Knowing the anatomy of the spinal cord irrigation is fundamental for understanding the neurological lesions (paraplegia or paraparesis) consequent to the surgery of thoracic or thoracoabdominal aorta. Three spinal arteries, one anterior and 2 posterior, exist. The major artery is the anterior artery that irrigates the anterior two thirds of the spinal cord, including the motor area. That artery runs through the thoracolumbar region and receives the intercostal and lumbar arteries; it is the great radicular artery or the Adamkiewicz artery, which usually originates between the ninth and twelfth thoracic vertebrae in 75% of patients, between the fifth and eighth thoracic vertebrae in 15% of patients, and between the first and second lumbar vertebrae in 10% of patients.
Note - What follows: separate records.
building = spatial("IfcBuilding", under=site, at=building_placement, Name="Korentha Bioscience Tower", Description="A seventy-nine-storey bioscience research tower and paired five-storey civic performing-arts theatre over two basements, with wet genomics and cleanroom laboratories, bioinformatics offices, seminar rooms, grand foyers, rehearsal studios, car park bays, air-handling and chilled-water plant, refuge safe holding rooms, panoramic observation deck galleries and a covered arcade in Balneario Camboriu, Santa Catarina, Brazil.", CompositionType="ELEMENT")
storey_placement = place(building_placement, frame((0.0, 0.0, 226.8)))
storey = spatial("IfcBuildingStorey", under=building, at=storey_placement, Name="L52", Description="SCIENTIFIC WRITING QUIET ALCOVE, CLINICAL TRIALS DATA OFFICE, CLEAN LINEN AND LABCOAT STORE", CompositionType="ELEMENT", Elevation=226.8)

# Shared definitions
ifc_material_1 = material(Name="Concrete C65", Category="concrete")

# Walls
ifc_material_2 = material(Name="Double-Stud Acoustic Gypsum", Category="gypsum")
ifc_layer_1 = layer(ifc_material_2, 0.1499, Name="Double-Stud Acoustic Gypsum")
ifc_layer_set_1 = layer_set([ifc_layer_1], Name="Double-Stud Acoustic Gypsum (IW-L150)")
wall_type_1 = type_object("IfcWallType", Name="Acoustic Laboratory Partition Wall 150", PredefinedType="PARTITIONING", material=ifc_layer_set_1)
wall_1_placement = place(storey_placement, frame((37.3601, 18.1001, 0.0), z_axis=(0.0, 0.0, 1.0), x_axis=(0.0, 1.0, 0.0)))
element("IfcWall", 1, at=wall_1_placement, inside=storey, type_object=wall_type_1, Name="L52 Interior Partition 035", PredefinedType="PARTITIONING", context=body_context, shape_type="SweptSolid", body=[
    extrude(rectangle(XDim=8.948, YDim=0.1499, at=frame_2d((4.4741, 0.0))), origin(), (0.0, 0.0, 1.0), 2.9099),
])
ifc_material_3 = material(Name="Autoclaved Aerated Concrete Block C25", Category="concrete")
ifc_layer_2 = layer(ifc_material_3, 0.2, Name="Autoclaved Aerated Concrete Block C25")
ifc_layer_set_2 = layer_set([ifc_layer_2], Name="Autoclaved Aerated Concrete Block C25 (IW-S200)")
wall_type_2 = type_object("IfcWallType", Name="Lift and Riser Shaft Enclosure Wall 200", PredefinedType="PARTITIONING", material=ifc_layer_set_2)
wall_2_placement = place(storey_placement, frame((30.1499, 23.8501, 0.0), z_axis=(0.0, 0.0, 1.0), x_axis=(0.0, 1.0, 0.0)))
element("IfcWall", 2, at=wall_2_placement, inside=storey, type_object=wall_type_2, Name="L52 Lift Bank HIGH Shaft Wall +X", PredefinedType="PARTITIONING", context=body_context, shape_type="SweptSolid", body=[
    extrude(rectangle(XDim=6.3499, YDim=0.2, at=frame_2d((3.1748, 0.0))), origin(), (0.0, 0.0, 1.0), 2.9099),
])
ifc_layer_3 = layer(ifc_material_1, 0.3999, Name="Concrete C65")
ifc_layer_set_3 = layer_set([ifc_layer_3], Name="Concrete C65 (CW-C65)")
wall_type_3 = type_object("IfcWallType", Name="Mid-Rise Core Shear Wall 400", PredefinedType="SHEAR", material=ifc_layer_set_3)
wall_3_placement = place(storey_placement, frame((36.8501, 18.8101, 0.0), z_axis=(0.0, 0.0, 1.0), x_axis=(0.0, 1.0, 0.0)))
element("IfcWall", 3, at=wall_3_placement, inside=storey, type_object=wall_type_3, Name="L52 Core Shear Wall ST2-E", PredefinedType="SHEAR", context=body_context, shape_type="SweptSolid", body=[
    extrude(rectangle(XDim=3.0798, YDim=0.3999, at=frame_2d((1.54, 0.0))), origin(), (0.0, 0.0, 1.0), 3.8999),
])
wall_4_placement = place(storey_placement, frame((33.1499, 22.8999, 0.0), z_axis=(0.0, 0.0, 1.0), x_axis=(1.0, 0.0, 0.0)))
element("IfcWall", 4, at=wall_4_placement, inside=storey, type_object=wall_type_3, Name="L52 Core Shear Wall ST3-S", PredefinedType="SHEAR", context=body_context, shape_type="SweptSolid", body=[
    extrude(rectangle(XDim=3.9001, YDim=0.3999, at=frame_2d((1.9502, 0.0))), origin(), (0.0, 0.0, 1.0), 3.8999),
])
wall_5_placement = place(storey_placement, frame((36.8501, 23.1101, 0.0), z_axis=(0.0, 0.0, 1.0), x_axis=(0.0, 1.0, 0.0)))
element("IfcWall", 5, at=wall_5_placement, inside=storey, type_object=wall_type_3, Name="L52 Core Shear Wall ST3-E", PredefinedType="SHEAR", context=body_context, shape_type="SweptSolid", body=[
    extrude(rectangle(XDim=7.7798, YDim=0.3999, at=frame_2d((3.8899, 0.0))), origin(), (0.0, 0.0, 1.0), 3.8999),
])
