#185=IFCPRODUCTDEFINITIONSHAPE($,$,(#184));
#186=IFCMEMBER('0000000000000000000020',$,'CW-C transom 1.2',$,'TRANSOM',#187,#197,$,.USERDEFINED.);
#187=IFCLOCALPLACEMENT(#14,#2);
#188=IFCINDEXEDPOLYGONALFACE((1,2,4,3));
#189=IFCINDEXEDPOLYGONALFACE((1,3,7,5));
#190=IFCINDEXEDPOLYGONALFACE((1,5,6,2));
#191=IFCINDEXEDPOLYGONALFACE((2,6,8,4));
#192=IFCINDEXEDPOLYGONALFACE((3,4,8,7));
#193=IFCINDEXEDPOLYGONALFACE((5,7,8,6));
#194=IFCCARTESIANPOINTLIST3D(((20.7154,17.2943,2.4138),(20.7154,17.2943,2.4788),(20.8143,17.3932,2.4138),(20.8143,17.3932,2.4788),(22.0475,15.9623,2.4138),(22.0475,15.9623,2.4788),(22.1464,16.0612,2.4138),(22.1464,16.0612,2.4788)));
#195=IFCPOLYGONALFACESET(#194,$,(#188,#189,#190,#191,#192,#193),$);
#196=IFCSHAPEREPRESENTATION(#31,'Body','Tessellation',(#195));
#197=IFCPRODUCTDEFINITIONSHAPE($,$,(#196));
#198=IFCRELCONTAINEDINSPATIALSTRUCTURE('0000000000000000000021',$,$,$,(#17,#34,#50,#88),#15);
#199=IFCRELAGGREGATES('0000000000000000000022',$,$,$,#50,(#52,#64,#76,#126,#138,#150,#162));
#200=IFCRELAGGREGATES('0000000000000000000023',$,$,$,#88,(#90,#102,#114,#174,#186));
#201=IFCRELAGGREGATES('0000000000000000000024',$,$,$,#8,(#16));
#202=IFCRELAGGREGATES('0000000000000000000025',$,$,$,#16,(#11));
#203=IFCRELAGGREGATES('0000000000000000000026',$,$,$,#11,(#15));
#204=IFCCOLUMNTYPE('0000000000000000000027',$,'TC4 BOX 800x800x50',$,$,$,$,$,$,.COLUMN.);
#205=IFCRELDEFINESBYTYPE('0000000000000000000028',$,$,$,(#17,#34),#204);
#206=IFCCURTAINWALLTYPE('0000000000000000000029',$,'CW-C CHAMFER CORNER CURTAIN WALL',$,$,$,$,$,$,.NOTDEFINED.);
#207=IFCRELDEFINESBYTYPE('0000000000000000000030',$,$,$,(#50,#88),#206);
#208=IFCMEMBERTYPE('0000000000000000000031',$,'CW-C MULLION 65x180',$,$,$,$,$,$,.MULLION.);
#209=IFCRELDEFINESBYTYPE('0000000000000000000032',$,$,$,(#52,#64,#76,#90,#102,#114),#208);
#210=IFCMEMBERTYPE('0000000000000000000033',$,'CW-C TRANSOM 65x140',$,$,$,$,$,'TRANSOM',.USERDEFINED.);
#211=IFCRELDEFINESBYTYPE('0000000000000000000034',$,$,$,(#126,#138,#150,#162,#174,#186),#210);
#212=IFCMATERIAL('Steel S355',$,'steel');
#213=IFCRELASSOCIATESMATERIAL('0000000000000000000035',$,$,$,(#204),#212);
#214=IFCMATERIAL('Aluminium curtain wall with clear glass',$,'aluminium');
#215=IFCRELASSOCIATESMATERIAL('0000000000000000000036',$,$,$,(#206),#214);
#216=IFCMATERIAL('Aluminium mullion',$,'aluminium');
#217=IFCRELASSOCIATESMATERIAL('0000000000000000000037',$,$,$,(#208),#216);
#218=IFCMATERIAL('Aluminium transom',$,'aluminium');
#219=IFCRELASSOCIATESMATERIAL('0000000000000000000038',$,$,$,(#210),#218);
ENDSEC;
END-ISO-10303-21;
If the great radicular artery is between the fifth and ninth thoracic vertebrae, a complementary artery may exist, the artery of the conus medullaris, which, at that level, anastomoses with the Adamkiewicz artery.

Currently, several methods of spinal cord protection exist, such as temporary bypass 13,14, reimplantation of the intercostal arteries 15,16, drainage of the cerebrospinal fluid 17-19, deep hypothermia 20-26, selective cooling of the spinal cord 21, and pharmacological agents 27.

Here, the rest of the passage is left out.